Qu'est-ce qui fait réellement tenir un parfum ?

La masse des molécules, d'abord. Un parfum est un mélange de matières qui s'évaporent à des vitesses différentes. Les plus légères partent les premières — ce sont les notes de tête, agrumes et aromatiques. Les plus lourdes restent le plus longtemps — résines, bois, muscs, vanilles. La pyramide olfactive n'est pas une métaphore poétique : c'est une chronologie d'évaporation.

Un parfum construit sur un fond résineux tiendra donc plus longtemps qu'un hespéridé, à concentration égale. Comparez Nice Bergamote d'Essential Parfums, bâti sur la bergamote de Calabre et refermé par un vétiver d'Haïti, et Oud Stallion de Maison Crivelli, safran, oud et cuir. Ce ne sont pas deux niveaux de qualité. Ce sont deux vitesses.

Nice Bergamote d'Essential Parfums, flacon de verre clair à bouchon blanc, et Oud Stallion de Maison Crivelli, flacon sombre à capot noir.
Nice Bergamote et Oud Stallion. Un hespéridé posé sur du vétiver, et un cuir posé sur de l'oud : deux vitesses d'évaporation.

La température, ensuite. La chaleur accélère l'évaporation de toutes les matières. Un parfum porté à 32 °C part plus vite qu'à 15 °C, et il part plus vite sur une peau chaude que sur une peau fraîche.

La dose, enfin, et le support. Deux pulvérisations tiennent moins longtemps que quatre. Et un parfum déposé sur un vêtement survit à toutes les peaux du monde, parce que le tissu ne transpire pas.

Pourquoi le même parfum ne tient-il pas pareil sur deux personnes ?

Parce que la peau n'est pas un support neutre. Sa température, son hydratation, sa production de sébum varient d'une personne à l'autre et, chez la même personne, d'une saison à l'autre. Une peau sèche retient moins bien qu'une peau grasse : il y a moins de matière à laquelle les molécules s'accrochent.

C'est une observation d'usage constante, que tout vendeur de parfum a faite mille fois.
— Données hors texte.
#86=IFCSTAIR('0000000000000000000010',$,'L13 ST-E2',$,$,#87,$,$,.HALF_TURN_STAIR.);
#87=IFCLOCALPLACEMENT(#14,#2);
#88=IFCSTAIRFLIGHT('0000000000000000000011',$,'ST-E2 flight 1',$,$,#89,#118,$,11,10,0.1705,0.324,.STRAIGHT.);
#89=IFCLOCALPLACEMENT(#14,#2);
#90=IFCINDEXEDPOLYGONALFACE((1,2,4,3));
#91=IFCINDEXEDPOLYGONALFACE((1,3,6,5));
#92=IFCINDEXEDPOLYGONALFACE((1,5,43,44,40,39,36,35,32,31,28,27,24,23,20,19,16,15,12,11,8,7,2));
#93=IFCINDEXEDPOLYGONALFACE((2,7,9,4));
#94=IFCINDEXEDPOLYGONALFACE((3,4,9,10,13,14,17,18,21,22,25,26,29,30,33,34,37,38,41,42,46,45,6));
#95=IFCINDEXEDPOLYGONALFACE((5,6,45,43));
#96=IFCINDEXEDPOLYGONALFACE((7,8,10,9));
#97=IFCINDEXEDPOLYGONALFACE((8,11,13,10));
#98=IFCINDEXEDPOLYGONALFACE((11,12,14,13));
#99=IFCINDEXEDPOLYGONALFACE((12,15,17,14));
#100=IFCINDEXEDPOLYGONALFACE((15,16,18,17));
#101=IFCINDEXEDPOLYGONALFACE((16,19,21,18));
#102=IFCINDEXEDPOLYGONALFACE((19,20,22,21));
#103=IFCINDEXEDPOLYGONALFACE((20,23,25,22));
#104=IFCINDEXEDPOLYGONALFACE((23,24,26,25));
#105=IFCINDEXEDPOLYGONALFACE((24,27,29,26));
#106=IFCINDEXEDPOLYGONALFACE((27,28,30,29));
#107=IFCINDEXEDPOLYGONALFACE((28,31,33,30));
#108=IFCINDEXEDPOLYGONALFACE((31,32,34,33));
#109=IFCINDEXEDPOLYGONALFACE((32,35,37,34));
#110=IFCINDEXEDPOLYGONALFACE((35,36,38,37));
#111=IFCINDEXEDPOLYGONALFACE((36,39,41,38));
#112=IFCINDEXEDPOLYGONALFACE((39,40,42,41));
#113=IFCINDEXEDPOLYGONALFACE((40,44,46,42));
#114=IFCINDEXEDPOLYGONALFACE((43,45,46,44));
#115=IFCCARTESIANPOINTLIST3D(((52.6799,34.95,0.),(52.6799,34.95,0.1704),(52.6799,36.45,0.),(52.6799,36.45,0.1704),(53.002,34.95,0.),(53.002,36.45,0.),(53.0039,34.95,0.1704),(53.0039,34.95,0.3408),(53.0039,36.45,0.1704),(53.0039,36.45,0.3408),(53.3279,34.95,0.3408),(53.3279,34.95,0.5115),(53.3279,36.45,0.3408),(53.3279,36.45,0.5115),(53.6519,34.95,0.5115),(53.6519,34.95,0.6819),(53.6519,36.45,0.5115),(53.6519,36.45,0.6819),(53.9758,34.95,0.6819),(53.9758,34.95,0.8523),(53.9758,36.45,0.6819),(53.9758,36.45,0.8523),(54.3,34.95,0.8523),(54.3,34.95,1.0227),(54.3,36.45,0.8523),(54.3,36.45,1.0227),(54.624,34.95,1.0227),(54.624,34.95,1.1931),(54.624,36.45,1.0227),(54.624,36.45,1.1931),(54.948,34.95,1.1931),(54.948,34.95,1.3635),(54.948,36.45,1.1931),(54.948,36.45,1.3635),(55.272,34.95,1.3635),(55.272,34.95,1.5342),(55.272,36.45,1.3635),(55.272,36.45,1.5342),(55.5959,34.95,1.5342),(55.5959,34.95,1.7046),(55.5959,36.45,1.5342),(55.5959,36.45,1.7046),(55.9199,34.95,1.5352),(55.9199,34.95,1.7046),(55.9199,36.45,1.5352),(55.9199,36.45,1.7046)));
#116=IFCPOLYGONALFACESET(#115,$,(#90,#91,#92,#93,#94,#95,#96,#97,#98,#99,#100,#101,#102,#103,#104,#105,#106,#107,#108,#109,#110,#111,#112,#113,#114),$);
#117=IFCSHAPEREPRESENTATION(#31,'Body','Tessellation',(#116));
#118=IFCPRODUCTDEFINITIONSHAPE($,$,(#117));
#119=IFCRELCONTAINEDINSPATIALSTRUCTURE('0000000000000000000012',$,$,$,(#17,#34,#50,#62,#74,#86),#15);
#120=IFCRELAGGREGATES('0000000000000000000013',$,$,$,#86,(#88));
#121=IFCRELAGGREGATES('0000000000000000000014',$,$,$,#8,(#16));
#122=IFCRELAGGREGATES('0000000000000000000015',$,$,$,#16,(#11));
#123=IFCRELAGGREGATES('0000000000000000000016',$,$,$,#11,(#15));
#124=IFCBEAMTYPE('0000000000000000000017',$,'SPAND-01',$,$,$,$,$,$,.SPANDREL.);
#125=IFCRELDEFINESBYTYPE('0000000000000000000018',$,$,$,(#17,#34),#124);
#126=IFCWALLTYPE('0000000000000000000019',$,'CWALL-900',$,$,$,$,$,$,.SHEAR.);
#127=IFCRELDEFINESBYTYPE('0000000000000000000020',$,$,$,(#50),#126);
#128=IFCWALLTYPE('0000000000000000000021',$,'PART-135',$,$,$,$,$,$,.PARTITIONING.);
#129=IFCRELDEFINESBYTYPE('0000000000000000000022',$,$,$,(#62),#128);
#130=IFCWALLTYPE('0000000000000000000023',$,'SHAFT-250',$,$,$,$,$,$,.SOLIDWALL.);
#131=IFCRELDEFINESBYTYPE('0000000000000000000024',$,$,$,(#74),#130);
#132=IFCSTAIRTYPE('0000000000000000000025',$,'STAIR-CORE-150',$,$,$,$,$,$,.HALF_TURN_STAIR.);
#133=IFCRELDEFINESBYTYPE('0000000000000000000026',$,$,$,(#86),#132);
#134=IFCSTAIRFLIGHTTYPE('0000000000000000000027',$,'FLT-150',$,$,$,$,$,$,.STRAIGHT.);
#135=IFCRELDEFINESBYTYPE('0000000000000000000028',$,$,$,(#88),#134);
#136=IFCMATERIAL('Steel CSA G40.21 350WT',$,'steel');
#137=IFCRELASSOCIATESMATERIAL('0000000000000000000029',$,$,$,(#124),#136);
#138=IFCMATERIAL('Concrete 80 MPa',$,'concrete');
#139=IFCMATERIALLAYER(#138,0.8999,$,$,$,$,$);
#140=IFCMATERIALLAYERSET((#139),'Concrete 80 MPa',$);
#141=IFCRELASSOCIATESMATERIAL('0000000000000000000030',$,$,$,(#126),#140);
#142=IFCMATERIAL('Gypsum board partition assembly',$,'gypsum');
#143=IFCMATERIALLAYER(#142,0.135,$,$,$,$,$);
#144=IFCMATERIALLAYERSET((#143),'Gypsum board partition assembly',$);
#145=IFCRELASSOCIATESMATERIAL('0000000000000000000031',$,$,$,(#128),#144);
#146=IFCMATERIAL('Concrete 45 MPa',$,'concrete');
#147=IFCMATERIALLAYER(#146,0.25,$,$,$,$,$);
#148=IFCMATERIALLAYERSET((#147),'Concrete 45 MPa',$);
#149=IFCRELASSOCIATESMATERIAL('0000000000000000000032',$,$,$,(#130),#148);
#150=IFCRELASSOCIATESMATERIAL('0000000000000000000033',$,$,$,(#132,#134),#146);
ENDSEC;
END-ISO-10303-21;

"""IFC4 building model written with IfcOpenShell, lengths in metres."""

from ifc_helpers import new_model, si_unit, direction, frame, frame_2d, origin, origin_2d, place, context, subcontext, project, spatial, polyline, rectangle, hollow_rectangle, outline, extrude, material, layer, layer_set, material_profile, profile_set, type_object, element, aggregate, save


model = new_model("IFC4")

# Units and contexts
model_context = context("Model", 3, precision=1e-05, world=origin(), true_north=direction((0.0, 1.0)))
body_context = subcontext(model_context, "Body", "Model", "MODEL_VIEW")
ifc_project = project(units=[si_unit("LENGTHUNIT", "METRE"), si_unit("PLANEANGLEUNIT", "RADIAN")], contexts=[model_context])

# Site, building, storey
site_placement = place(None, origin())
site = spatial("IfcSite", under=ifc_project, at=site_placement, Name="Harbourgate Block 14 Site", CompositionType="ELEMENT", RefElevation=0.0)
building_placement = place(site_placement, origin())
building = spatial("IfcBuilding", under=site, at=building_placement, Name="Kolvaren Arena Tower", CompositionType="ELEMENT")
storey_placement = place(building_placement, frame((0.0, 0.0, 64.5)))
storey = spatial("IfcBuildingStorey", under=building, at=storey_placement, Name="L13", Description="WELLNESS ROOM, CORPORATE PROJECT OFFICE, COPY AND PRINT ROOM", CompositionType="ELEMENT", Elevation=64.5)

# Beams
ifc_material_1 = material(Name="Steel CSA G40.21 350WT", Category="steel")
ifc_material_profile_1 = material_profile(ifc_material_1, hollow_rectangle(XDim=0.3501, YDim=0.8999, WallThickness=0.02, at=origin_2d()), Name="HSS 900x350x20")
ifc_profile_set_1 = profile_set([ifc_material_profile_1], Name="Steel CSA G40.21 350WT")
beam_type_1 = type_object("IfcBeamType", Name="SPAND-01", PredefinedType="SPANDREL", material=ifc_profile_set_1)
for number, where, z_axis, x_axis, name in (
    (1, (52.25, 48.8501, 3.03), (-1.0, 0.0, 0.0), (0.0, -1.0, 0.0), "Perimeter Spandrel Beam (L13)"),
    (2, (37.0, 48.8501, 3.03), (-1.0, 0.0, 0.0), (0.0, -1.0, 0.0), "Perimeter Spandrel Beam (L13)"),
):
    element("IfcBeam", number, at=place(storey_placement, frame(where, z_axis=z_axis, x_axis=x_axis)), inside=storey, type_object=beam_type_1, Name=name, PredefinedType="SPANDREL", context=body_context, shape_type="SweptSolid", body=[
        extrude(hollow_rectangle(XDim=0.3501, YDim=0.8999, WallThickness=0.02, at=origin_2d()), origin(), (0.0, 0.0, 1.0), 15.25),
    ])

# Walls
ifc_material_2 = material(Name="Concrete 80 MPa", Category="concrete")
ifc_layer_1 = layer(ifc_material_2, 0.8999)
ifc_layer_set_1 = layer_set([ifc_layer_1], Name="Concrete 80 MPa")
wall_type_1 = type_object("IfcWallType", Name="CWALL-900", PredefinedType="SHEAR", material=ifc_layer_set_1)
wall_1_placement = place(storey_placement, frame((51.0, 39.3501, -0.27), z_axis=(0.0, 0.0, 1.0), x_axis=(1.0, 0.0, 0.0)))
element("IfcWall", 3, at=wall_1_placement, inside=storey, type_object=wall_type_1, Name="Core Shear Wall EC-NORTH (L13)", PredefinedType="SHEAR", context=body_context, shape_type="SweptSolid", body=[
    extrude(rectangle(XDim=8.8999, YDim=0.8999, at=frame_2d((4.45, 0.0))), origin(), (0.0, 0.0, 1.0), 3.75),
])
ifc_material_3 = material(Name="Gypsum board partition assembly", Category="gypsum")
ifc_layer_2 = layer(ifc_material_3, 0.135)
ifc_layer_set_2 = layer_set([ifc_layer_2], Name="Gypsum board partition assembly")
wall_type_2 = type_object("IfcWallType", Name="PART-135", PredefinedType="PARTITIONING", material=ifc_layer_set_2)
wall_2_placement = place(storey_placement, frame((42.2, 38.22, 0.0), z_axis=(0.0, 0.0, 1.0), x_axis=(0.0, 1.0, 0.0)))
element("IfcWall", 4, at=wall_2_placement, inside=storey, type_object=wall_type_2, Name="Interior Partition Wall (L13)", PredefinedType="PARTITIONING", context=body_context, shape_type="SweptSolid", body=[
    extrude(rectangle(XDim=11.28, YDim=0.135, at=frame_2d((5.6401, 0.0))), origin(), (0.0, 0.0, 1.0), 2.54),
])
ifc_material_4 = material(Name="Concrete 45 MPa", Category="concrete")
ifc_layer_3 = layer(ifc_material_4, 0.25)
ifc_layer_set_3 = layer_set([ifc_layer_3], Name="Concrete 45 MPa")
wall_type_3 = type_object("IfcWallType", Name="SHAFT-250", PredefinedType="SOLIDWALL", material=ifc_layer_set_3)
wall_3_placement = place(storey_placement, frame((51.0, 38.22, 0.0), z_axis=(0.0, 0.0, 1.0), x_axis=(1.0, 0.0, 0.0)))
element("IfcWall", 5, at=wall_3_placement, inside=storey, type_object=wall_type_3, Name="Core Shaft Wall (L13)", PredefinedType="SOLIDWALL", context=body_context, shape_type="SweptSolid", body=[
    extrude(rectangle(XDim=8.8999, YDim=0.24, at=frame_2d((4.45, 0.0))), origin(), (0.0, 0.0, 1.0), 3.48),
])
Nous ne lui donnerons pas ici d'explication chimique détaillée, parce que les explications qui circulent sur le pH de la peau sont plus assurées que les données qui les soutiennent.
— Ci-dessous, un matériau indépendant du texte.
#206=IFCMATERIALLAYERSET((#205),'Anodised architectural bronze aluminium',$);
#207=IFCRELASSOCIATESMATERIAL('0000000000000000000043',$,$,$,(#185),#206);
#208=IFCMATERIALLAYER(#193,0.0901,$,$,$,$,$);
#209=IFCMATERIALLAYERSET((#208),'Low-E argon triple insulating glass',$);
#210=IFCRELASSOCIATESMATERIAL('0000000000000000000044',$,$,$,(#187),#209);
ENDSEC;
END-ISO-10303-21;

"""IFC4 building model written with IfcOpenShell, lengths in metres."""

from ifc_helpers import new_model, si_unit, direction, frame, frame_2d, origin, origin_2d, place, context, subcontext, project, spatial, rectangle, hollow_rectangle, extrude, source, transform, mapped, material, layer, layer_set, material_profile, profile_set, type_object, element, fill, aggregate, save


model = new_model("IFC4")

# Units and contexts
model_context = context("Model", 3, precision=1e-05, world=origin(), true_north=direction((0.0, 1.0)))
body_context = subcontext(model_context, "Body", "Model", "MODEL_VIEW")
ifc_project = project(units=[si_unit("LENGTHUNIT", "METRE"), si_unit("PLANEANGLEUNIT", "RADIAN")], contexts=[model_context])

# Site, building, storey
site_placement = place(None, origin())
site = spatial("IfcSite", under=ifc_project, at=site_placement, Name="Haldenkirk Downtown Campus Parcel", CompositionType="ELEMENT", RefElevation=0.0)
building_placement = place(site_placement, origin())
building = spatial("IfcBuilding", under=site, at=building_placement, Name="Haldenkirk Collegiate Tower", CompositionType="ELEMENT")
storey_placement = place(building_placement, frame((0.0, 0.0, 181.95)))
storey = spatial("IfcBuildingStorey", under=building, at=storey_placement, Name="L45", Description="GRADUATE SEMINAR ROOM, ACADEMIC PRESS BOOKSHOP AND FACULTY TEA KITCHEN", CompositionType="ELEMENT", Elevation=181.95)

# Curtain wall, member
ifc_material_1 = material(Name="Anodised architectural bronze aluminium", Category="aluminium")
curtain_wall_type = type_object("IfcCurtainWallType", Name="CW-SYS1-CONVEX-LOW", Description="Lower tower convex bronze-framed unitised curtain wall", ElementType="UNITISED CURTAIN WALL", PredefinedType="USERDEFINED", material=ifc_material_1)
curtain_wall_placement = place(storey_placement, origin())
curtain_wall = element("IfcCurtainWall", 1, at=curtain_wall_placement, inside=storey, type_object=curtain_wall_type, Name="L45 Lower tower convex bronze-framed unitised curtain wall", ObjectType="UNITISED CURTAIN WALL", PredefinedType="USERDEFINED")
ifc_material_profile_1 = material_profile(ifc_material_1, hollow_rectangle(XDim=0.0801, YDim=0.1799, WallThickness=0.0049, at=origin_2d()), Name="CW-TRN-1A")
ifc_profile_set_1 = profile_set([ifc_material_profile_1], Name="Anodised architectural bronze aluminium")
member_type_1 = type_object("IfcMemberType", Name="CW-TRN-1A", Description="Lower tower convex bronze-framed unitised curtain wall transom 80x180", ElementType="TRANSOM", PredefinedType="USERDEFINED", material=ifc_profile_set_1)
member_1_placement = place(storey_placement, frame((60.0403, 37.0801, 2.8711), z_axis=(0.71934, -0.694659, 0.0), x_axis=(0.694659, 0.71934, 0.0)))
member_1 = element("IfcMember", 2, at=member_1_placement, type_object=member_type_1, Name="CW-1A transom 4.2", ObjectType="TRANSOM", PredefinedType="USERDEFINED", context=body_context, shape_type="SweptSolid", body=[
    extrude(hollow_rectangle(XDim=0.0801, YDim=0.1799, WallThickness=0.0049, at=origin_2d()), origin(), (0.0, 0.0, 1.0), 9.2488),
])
Faut-il frotter ses poignets après avoir vaporisé ?

Non, mais pas pour la raison que l'on entend. L'explication courante — le frottement « casserait les molécules » — ne tient pas : frotter deux poignets l'un contre l'autre ne fournit pas l'énergie nécessaire pour rompre une liaison chimique.

Ce que le frottement fait réellement est plus simple. Il étale le parfum sur une surface plus grande et il réchauffe la peau. Surface plus grande et chaleur : les deux accélèrent l'évaporation. Le parfum part plus vite. Le résultat annoncé est le bon, le raisonnement était faux.

Pourquoi nos fiches n'affichent-elles pas de durée en heures ?

Parce qu'un chiffre en heures serait une promesse que nous ne pouvons pas tenir. Il dépendrait de votre peau, du thermomètre et du nombre de pulvérisations — trois variables que nous ne connaissons pas.

Nos fiches indiquent donc une tendance de tenue, sans chiffre. Nous préférons une information vraie et imprécise à une information précise et fausse.

La seule mesure qui vaut pour vous est celle que vous prenez sur vous. Un échantillon Try Me de 2 ml permet de porter un parfum une journée entière avant de décider. Vaporisez le matin, notez l'heure à laquelle vous ne le sentez plus, et rappelez-vous que cette heure-là n'est pas celle où il a disparu pour les autres.